Sissimut-icehestar said:


> hahaha :lol: When im on here im pretty much always on a converter website too !


i've got a converter on my phone which i use and i go on the converter websites too


----------



## Britt (Apr 15, 2008)

I'm 5"7

Gypsie is 15.1 hands

Dakota should mature to at least 15 hands (he's 14.3 hands currently)


----------



## my2geldings (Feb 18, 2008)

I'm 5'5 (120-125lbs) with a small/mediumish frame. My one horse should be a solid 16'2 to 16'3 and the other will be around 16hh.


----------



## Abby (Nov 26, 2007)

I'm 5' tall and my horse is 15.3. 

My horse is 63" Tall.
I am 60" Tall.


----------



## my2geldings (Feb 18, 2008)

The last few horses I have owned have been:
15'2 hh
16'3 hh
16'2 hh
16'2 hh

My mare should be 16'3++ hh and my boy should be a solid 16hh minimum. Hard to tell at this point.


----------



## buckaroo2010 (Nov 7, 2007)

Im 5'3 and my horse is 14 hands


----------



## Dumas'_Grrrl (Apr 2, 2008)

FehrGroundRanch said:


> I'm 5 feet even and my horses are between 14 2hh and 15 hh. I've owned horses over 15hh and they are to tall for me. I have super short legs so once they get over that height it gets really hard for me to get my leg into the stirrup.

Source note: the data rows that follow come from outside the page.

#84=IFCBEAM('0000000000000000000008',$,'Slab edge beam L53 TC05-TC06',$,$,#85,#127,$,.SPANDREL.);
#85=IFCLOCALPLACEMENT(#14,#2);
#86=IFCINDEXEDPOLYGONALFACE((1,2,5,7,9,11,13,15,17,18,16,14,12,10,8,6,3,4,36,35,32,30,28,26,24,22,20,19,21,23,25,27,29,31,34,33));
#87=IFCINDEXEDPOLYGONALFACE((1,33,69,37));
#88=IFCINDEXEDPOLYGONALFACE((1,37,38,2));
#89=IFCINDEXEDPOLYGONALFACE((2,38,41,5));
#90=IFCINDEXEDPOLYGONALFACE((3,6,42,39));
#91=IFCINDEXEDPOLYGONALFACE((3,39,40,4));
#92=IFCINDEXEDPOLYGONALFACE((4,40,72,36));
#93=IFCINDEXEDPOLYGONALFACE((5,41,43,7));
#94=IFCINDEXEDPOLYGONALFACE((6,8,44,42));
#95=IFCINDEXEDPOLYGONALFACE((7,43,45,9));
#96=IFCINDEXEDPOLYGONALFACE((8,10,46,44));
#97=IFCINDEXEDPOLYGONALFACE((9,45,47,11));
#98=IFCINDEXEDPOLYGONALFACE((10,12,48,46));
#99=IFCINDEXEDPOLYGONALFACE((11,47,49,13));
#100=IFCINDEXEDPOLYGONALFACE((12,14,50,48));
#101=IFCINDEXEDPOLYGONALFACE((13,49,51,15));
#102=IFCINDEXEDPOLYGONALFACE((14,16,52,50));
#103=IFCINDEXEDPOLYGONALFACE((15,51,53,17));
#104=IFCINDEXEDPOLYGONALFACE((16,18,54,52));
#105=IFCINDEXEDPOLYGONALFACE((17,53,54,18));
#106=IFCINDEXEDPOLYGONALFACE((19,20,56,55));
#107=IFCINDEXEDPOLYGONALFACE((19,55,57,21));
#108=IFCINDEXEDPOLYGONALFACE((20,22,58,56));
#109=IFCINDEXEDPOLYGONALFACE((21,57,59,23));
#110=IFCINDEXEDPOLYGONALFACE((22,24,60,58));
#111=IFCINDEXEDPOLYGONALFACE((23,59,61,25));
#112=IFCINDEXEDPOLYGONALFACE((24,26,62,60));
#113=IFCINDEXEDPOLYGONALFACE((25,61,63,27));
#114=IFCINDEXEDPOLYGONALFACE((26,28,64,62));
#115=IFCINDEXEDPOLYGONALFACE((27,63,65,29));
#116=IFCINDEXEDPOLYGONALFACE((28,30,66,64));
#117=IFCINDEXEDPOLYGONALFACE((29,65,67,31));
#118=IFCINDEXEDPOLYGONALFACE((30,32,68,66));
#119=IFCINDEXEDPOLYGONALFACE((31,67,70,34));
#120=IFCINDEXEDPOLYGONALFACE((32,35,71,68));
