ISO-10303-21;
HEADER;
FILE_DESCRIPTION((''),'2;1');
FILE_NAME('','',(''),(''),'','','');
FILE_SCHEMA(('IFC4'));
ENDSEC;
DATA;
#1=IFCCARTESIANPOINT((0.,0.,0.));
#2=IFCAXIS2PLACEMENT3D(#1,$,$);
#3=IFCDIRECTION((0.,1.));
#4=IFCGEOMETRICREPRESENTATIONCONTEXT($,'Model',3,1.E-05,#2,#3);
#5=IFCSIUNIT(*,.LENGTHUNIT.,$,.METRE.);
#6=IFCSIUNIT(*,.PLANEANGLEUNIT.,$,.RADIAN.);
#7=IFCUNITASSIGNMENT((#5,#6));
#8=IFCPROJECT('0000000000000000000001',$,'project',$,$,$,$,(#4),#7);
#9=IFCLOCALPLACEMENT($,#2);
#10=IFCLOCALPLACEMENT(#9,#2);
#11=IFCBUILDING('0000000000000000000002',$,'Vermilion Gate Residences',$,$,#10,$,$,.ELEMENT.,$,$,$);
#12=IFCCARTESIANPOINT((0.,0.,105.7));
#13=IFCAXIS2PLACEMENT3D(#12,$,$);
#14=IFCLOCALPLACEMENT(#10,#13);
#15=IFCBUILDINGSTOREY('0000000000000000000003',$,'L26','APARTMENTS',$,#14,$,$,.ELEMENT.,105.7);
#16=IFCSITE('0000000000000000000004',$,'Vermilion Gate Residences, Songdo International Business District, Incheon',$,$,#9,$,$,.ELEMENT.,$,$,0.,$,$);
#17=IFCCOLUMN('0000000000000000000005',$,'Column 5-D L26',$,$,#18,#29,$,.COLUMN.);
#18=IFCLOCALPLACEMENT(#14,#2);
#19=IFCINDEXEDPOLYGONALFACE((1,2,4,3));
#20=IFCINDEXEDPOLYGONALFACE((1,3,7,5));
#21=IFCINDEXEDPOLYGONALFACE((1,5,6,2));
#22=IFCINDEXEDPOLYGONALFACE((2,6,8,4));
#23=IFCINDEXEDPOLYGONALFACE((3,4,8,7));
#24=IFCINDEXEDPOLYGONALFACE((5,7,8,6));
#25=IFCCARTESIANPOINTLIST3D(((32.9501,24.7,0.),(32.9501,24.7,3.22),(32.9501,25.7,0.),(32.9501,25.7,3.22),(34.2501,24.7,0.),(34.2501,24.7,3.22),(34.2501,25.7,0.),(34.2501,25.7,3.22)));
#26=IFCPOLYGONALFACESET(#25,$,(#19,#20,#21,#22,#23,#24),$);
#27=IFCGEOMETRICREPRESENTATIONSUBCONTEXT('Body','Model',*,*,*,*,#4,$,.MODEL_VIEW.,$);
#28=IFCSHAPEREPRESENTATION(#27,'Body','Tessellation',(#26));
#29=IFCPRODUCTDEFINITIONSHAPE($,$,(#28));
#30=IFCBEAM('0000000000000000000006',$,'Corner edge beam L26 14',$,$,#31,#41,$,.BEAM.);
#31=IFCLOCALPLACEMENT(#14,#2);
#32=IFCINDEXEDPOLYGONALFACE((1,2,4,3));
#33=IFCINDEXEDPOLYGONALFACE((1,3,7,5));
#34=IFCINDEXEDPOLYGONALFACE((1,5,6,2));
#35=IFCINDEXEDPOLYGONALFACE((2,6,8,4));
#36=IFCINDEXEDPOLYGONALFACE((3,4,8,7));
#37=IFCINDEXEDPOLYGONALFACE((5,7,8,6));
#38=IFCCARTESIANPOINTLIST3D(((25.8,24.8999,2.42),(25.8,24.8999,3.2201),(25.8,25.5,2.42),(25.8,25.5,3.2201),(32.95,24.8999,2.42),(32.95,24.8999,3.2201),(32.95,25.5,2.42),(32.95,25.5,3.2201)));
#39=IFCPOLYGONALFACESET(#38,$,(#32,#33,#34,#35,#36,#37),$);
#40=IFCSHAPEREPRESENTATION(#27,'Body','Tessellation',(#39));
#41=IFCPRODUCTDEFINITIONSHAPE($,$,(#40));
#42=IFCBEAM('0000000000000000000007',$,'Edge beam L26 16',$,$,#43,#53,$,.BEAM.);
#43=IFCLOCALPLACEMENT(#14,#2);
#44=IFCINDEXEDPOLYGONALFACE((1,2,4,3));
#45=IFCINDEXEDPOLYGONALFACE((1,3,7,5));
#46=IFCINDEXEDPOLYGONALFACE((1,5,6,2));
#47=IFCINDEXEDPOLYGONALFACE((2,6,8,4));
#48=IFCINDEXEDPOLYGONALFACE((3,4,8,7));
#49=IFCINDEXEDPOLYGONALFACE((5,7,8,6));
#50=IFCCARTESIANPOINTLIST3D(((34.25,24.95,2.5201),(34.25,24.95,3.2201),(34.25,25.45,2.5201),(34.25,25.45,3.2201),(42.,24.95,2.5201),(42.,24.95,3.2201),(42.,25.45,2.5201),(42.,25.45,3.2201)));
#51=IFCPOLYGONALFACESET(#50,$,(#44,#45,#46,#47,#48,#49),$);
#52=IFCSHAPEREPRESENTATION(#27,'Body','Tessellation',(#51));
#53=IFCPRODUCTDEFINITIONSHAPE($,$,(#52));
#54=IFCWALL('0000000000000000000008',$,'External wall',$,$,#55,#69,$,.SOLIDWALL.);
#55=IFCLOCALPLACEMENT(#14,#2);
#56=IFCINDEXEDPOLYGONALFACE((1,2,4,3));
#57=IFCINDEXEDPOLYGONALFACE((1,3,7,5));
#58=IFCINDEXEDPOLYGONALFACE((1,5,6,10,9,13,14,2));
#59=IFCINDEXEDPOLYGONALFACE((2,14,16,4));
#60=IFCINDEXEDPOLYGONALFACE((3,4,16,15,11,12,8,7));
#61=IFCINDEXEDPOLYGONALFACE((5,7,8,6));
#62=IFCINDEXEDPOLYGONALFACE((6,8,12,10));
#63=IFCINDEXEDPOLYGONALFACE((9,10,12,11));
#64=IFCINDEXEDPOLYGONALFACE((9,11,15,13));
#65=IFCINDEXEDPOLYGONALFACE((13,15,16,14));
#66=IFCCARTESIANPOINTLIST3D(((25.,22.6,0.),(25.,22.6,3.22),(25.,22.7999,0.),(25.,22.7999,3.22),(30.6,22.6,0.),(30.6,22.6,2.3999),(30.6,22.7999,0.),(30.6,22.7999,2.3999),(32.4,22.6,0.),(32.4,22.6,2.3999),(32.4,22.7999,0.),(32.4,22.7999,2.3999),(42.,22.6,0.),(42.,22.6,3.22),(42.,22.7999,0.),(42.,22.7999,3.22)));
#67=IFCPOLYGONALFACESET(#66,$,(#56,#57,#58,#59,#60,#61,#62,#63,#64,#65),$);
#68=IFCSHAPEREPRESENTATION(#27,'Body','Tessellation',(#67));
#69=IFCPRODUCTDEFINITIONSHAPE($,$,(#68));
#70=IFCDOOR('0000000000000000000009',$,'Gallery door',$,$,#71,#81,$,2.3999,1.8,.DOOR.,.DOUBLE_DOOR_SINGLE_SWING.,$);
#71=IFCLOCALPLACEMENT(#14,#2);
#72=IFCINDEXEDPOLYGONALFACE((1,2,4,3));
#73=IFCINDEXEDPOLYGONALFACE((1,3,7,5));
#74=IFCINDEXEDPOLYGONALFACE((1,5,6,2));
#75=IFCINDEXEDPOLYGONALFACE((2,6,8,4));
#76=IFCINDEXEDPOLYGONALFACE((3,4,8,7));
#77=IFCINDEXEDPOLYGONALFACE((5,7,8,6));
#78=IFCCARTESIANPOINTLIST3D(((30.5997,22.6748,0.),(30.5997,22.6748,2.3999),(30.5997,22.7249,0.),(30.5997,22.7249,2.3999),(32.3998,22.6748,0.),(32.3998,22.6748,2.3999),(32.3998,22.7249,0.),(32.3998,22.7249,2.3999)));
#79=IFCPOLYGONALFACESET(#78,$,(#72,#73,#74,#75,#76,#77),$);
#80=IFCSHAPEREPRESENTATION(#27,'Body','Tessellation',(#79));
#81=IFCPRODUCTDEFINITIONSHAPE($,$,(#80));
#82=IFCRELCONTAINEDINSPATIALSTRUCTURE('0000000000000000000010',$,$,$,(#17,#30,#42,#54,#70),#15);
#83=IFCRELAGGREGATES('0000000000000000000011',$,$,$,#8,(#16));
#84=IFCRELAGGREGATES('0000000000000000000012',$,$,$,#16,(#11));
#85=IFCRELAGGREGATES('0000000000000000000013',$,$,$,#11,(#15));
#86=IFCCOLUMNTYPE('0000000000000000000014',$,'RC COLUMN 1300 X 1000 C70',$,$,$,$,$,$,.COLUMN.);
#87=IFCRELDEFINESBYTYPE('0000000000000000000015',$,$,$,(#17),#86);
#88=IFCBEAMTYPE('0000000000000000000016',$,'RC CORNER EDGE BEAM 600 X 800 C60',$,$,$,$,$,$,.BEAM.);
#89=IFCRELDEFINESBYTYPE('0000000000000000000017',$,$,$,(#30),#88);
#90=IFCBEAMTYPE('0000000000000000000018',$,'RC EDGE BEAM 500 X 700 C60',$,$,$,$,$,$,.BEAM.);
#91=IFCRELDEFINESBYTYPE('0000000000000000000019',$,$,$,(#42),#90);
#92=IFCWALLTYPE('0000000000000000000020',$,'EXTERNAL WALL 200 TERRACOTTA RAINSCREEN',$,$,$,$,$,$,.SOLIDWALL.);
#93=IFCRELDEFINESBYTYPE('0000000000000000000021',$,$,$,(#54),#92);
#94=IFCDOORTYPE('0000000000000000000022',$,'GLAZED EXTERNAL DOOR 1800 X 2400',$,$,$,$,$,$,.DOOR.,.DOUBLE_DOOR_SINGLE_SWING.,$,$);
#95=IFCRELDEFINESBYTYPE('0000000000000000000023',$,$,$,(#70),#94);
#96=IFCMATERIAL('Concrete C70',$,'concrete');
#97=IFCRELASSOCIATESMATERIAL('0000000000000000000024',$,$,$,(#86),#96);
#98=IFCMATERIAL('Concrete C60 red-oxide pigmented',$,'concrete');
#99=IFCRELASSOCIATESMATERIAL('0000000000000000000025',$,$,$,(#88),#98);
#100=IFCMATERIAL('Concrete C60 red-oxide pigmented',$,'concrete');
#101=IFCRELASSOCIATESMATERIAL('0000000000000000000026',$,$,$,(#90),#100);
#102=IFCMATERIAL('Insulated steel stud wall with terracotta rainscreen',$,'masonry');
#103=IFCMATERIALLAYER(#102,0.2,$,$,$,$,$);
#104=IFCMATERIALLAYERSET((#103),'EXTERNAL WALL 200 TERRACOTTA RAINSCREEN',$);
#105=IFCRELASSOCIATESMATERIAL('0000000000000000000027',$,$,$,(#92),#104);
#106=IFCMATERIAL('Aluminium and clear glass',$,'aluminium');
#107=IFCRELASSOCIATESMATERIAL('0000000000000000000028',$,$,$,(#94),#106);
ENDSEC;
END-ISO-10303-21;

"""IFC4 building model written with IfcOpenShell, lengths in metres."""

from ifc_helpers import new_model, si_unit, direction, frame, frame_2d, origin, origin_2d, place, context, subcontext, project, spatial, rectangle, extrude, material, layer, layer_set, material_profile, profile_set, type_object, element, fill, save


model = new_model("IFC4")

# Units and contexts
model_context = context("Model", 3, precision=1e-05, world=origin(), true_north=direction((0.0, 1.0)))
body_context = subcontext(model_context, "Body", "Model", "MODEL_VIEW")
ifc_project = project(units=[si_unit("LENGTHUNIT", "METRE"), si_unit("PLANEANGLEUNIT", "RADIAN")], contexts=[model_context])

# Site, building, storey
site_placement = place(None, origin())
site = spatial("IfcSite", under=ifc_project, at=site_placement, Name="Vermilion Gate Residences, Songdo International Business District, Incheon", CompositionType="ELEMENT", RefElevation=0.0)
building_placement = place(site_placement, origin())
building = spatial("IfcBuilding", under=site, at=building_placement, Name="Vermilion Gate Residences", CompositionType="ELEMENT")
storey_placement = place(building_placement, frame((0.0, 0.0, 105.7)))
storey = spatial("IfcBuildingStorey", under=building, at=storey_placement, Name="L26", Description="APARTMENTS", CompositionType="ELEMENT", Elevation=105.7)

# Column
ifc_material_1 = material(Name="Concrete C70", Category="concrete")
ifc_material_profile_1 = material_profile(ifc_material_1, rectangle(XDim=1.3, YDim=1.0, at=origin_2d()), Name="RC-1300x1000")
ifc_profile_set_1 = profile_set([ifc_material_profile_1], Name="Concrete C70")
column_type = type_object("IfcColumnType", Name="RC COLUMN 1300 X 1000 C70", PredefinedType="COLUMN", material=ifc_profile_set_1)
column_placement = place(storey_placement, frame((33.6001, 25.2, 0.0), z_axis=(0.0, 0.0, 1.0), x_axis=(1.0, 0.0, 0.0)))
element("IfcColumn", 1, at=column_placement, inside=storey, type_object=column_type, Name="Column 5-D L26", PredefinedType="COLUMN", context=body_context, shape_type="SweptSolid", body=[
    extrude(rectangle(XDim=1.3, YDim=1.0, at=origin_2d()), origin(), (0.0, 0.0, 1.0), 3.22),
])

LOL... When I have the stirups adjusted right for me... Its all I can do to haul my butt up in the saddle... If Dumas was even a couple inches taller I'd have to get a step stool!


----------



## Vidaloco (Sep 14, 2007)

I'm 5'8" and Vida is around 15 hands maybe a little under. I look like I'm riding a pony but I really don't care. I like being closer to the ground :lol:


----------



## Dave (Nov 4, 2007)

*tall horses*

Hey ya all im 5.11 and my horses are from 13.2 to 172 mustangs are both in the 14 to 15 hh and my mare is 14.3 but she carrys me better the the 16. hh QT horse does but that is because the mustangs are stout and years of sellection has made them that way . the TWH. mare is the big girl and somedays this 60 yr old can step rt in the saddle and somedays i need an elevator to get to the stirrup on her . fact is im makeing a rope ladder for the days this body says its to sore and tired to step that high really i am saw it on a movie so going to try it cant hurt maybe help me some


----------



## my2geldings (Feb 18, 2008)

Nothing with smaller horses! After I had my bad fall I rode a friend's pony for months. He was the best little horse. He was a morgan cross and only 14'1hh-14'2hh.


----------



## xoLivxo (Dec 27, 2007)

here are my horses and horses i ride everyday and such

my height 4'11....yes i might be part gnome haha

15.2

16.3

16.2

17

17.1

14.1

14.2

13. 2

and even a 18 hand horse :] a really, really, quiet 18 hand horse haha


----------



## Annie54 (Dec 9, 2010)

I am 4'11 also  My first horse was 14.3 My second horse was almost 15. My third horse 16.5 and my horse now is a little over 15... I dont know why but I love tall big horses. Makes me feel really small on the horse but I guess its my way of being taller


----------



## dashforcache (Nov 2, 2010)

i'm 5'3 and my horse is 15 HH but i used to horses over 17 HH, i think the tallest was 17.3 and when your up there it doesn't feel that high but you remember real quick how high you are when you jump down hard like you were on a pony and your knees buckle under you. chance is 15 and even though he's just right for me when i look at him he seems small to me.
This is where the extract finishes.